If this were EXCEL I'd use =COUNTIF(range,column header)

I created dummy variables for 583 codes, however there is a possibility that each row could have “1” for more than one column/code. The code is the column header. If this were excel, I would just use COUNTIF function (ok, this isn’t perfect cause I’m looking for an exact match). But an example of the cell I want to search is the following:

A-45, M-20, M-21, M-27, M-30, M-36, M-37, MA-30, MA-36, MA-46, WA-29

Now, if the column header matches any one of these codes that are all contained within one cell within one specific column, I want the cell with that specific header column to be 1, otherwise 0.
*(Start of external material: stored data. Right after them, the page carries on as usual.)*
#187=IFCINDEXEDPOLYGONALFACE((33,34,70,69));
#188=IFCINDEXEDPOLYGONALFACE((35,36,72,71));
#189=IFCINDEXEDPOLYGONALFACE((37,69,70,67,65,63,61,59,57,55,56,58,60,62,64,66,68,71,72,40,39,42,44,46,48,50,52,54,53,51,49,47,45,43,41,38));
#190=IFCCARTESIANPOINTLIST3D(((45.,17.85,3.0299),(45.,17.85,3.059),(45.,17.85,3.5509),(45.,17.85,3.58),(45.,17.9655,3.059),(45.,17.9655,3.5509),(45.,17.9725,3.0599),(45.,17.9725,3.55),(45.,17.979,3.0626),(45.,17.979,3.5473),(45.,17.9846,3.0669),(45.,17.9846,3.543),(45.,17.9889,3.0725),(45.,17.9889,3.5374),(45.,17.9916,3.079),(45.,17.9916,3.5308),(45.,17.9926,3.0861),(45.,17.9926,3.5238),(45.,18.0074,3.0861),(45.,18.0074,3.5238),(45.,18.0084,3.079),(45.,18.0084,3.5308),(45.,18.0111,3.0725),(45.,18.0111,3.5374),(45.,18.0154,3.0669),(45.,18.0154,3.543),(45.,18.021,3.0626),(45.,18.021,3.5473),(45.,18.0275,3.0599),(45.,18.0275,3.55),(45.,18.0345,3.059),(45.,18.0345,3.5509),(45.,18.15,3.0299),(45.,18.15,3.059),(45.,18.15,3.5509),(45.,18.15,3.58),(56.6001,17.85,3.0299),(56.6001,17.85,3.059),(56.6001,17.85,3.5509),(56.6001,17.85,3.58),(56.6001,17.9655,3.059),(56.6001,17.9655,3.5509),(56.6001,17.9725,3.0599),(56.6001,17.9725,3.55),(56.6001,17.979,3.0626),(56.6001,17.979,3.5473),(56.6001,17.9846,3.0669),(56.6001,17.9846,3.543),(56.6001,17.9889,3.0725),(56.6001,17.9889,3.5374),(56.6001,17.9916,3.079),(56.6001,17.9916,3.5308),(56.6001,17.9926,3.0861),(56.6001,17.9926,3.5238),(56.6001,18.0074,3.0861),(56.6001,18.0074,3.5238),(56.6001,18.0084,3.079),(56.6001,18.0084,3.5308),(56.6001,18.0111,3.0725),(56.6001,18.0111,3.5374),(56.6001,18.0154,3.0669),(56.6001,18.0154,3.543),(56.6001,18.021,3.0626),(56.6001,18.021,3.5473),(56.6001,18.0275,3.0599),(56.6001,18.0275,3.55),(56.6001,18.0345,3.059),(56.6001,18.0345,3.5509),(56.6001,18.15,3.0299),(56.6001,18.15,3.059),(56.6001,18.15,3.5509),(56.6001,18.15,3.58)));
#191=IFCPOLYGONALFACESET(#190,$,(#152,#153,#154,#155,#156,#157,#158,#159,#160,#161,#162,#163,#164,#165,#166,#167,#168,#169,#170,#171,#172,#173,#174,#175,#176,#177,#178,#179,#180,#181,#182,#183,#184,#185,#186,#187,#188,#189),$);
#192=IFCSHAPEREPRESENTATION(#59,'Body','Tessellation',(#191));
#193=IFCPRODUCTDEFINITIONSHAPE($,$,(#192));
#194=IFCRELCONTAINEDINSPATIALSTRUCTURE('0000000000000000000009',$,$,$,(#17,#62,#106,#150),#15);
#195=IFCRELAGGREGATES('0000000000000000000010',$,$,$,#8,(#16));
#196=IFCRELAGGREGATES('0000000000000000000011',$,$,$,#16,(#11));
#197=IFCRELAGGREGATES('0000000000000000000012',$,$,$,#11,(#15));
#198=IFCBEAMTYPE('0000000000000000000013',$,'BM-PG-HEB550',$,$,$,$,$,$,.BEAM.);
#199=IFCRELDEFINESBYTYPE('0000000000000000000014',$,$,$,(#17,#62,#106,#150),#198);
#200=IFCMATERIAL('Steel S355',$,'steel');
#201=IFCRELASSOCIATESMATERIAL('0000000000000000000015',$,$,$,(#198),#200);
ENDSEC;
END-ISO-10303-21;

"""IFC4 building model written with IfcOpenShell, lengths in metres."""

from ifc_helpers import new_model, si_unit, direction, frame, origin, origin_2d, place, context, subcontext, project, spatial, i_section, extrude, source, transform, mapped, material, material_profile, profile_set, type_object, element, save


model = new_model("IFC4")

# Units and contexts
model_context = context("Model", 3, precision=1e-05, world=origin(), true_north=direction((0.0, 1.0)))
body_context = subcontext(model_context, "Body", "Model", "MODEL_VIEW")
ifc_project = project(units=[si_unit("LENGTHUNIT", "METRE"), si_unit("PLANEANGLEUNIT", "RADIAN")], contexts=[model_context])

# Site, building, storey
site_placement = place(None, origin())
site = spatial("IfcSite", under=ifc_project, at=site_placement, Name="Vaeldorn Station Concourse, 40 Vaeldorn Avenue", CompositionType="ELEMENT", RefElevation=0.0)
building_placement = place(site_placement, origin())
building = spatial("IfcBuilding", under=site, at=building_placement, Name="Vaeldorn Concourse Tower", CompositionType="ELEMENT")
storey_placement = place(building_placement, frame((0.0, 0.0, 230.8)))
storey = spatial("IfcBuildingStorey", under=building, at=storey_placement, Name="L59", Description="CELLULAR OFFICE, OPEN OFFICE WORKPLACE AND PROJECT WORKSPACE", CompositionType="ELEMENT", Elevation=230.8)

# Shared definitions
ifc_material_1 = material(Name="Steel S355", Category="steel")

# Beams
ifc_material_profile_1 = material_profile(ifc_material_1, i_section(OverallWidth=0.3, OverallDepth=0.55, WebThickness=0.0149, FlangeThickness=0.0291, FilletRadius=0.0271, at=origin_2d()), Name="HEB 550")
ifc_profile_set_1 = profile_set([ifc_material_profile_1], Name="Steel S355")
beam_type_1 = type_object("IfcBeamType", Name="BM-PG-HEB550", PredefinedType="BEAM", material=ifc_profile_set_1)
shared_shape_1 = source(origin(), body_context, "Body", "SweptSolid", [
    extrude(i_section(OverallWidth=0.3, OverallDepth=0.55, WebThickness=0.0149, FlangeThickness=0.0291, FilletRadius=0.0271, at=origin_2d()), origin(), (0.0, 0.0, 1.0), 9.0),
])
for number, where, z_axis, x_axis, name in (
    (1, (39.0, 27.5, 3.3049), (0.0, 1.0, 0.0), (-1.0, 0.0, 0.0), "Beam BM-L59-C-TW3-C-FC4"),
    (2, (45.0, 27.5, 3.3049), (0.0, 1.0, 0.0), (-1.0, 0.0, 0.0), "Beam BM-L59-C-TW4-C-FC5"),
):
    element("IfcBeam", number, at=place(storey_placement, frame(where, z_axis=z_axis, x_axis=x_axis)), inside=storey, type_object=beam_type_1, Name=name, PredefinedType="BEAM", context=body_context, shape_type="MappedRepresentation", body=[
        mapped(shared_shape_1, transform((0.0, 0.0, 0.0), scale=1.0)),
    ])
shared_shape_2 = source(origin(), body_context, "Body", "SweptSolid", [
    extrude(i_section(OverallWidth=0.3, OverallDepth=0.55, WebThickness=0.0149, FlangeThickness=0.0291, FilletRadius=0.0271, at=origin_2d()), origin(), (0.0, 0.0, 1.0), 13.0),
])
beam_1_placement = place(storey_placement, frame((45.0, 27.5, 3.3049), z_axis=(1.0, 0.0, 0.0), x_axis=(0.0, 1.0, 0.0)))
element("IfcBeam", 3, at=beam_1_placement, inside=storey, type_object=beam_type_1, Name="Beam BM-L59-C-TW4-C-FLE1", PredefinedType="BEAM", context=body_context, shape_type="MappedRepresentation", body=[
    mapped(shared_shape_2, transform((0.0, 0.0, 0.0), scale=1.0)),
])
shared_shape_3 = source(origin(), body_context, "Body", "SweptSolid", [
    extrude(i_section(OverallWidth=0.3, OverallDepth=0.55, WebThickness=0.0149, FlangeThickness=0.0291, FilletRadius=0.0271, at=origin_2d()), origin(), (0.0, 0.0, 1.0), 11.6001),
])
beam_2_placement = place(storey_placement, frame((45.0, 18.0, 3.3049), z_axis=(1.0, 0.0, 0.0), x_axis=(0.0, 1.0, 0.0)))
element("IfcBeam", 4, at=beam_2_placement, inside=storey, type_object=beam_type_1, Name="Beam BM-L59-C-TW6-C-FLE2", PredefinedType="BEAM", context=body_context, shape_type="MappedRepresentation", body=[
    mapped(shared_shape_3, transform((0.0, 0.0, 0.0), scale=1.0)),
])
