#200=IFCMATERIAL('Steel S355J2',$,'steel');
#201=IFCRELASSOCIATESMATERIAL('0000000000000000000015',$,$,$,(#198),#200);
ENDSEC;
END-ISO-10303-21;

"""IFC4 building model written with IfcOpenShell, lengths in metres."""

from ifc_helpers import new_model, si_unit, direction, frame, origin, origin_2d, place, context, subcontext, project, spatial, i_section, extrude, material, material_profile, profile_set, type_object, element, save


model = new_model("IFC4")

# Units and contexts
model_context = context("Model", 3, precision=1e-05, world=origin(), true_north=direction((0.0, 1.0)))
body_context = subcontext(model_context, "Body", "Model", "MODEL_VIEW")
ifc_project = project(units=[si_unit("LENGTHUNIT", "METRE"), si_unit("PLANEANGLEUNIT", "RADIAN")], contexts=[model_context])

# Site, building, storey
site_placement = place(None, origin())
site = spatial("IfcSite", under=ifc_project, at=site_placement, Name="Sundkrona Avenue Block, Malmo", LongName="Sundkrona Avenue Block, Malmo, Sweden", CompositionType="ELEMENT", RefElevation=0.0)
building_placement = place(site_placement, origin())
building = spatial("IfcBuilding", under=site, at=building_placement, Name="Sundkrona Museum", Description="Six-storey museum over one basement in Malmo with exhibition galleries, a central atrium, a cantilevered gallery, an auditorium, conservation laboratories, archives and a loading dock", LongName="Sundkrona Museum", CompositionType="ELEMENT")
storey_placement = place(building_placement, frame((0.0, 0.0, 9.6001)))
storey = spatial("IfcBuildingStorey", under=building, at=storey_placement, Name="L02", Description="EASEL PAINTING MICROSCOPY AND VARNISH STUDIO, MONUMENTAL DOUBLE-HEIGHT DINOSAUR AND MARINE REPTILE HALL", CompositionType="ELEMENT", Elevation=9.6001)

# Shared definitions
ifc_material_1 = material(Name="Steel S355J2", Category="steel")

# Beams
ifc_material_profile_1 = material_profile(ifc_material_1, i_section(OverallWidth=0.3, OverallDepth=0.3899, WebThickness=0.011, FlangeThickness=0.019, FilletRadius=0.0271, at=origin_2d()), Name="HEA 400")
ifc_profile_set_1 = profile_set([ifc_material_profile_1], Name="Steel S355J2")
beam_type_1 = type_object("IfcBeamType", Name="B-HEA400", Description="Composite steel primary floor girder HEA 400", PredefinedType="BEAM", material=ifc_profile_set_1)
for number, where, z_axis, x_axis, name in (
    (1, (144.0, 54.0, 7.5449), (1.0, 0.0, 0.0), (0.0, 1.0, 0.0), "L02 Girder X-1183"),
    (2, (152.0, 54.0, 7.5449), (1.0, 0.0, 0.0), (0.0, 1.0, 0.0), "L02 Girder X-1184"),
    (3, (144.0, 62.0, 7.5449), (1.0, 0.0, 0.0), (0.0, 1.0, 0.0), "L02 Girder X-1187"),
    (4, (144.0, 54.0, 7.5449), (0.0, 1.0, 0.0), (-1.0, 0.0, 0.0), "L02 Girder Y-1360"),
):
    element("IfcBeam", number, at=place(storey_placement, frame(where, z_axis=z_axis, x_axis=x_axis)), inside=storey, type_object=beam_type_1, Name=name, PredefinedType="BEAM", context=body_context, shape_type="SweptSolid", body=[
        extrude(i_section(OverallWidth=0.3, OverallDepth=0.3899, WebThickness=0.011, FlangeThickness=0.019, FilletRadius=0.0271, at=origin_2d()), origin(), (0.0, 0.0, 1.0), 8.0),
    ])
Any advice on this would be GREATLY appreciated. Thanks!

Hello @rinaldiinjapan

‘String Manipulation’ node with regexMatcher() function can do this job returning Boolean.

regexMatcher($column1$, 
 	join( 
 		"(.*?("
 		, $${Scolumn_header}$$
 		, ")[^$]*)$"  
 	) 
)

You would probably will need to call your column header as variable, then prepare it in advance.
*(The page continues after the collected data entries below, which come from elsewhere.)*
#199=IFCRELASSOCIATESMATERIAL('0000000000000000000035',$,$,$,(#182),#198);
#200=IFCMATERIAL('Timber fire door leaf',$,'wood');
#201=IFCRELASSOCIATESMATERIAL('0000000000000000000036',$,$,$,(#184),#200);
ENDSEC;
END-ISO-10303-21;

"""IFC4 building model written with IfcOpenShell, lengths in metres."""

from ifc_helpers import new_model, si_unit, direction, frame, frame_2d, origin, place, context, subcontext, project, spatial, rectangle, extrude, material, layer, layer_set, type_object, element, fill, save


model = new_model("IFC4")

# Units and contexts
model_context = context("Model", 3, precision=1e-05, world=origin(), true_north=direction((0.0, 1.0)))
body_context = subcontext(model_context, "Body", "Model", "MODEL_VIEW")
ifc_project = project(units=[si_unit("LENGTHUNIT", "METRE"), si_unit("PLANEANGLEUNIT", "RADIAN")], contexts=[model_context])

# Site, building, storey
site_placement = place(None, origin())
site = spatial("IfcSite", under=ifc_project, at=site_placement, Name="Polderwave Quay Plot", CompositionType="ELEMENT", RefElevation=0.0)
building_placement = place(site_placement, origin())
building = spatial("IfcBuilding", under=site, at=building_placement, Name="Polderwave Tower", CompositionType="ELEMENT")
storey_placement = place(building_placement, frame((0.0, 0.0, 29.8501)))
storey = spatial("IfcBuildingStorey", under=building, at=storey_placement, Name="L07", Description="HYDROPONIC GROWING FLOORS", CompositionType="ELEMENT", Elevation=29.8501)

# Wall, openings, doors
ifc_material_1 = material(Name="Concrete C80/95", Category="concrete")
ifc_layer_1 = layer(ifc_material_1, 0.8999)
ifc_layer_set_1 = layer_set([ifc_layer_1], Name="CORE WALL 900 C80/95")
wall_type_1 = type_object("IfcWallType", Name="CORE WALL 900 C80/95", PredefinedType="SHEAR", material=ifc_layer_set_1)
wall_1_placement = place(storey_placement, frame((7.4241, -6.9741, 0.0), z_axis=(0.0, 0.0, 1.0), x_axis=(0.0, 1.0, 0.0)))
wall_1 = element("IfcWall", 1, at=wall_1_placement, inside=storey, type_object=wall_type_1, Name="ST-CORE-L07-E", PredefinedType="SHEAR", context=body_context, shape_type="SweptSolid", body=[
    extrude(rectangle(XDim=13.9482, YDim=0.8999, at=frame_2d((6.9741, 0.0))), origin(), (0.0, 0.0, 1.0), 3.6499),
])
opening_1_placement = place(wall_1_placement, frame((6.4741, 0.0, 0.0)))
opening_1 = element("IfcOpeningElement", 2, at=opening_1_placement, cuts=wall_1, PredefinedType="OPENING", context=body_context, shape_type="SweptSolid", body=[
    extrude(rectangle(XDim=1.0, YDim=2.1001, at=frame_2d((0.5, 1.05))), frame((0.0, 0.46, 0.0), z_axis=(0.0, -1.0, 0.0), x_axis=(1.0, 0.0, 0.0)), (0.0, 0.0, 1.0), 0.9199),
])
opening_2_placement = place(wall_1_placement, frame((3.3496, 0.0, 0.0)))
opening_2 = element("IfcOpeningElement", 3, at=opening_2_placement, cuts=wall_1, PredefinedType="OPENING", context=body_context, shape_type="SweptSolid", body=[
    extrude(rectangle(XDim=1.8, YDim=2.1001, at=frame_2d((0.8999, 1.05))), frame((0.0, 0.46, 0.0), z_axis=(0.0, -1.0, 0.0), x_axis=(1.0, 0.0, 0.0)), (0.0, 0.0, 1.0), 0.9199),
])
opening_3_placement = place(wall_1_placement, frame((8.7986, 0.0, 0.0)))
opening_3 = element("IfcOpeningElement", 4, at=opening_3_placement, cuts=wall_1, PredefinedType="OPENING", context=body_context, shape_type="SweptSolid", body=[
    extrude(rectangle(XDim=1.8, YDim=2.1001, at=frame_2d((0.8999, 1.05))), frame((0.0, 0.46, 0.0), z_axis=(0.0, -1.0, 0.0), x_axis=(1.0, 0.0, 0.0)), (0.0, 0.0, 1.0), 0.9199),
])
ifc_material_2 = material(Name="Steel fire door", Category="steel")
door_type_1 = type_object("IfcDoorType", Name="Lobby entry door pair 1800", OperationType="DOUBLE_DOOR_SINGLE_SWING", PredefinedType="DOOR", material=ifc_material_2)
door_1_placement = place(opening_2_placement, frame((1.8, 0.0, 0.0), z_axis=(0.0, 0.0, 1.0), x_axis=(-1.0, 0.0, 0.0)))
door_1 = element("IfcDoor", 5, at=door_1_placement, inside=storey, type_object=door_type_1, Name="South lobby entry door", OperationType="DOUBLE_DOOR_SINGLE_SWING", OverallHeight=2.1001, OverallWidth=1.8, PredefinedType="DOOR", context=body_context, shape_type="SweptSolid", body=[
I’m assuming this is the content of a cell, but if this is arranged in a column, the same code can do the job as well.

BR

For testing intentions you can replace the proposed variable with one hardcoded text code.

regexMatcher($column1$, 
 	join( 
 		"(.*?("
 		, "MA-36"
 		, ")[^$]*)$"  
 	) 
)

I hope this is clear enough.

BR

PS.- A Rule Engine node can do the same work with the following code:

$MA-36$ LIKE "*MA-36*" => 1
TRUE => 0

or optionally…

$MA-36$ MATCHES "(.*?(MA-36)[^$]*)$" => 1
TRUE => 0

BR

Thank you so much gonhaddock. As I look over your response and the configuration page of the regex node am I correct in that this code will need to be entered for every column? Is there are a way to create a loop to avoid having to re-enter code for each column? For clarification, there is one column with anywhere from 1 to 87 codes with the header “Code List”. Then I have 583 columns with a code such as the example above,“MA-36” as a header so the goal is to have either a 1 or 0 entered in the MA-36 column dependent upon whether MA-36 is included under the “Code List” column of that same row. Thanks again for helping me out with this. If there is a KNIME online course that you think will help please let me know.

I can suggest to use

node to get pares
Header_code1, Value1
Header_code1, Value2

Header_code2, Value1
Header_code2, Value2
so on
Using rule engine like suggested by @gonhaddock, you will get
Header_code1, 1
Header_code1, 1

Header_code2, 0
Header_code2, 1

Add RowiID
Use

node with “first” grouping function to get original structure with headers.

2 Likes

Hello @rinaldiinjapan
As your question was in the abstract about a cell case, my answer was pointing to the concept…

Now, in a workflow @izaychik63 is giving you another interesting concept to apply, long format pivoting all the columns and working with just 2 columns $ColumnNames$ and $ColumnValues$; this type of solution will avoid messing up with variables. Said that, the other approach -as you pointed- is the Loop End (Column Append) with variables.

About the training… you have the Level 1 Certification I think it is for free; and It is up to date.

There was another good start called KNIME Beginner’s Luck book , it is some years old, I can see the PDF online. You may get a promotion code contacting the team.

BR

1 Like

This topic was automatically closed 90 days after the last reply. New replies are no longer allowed.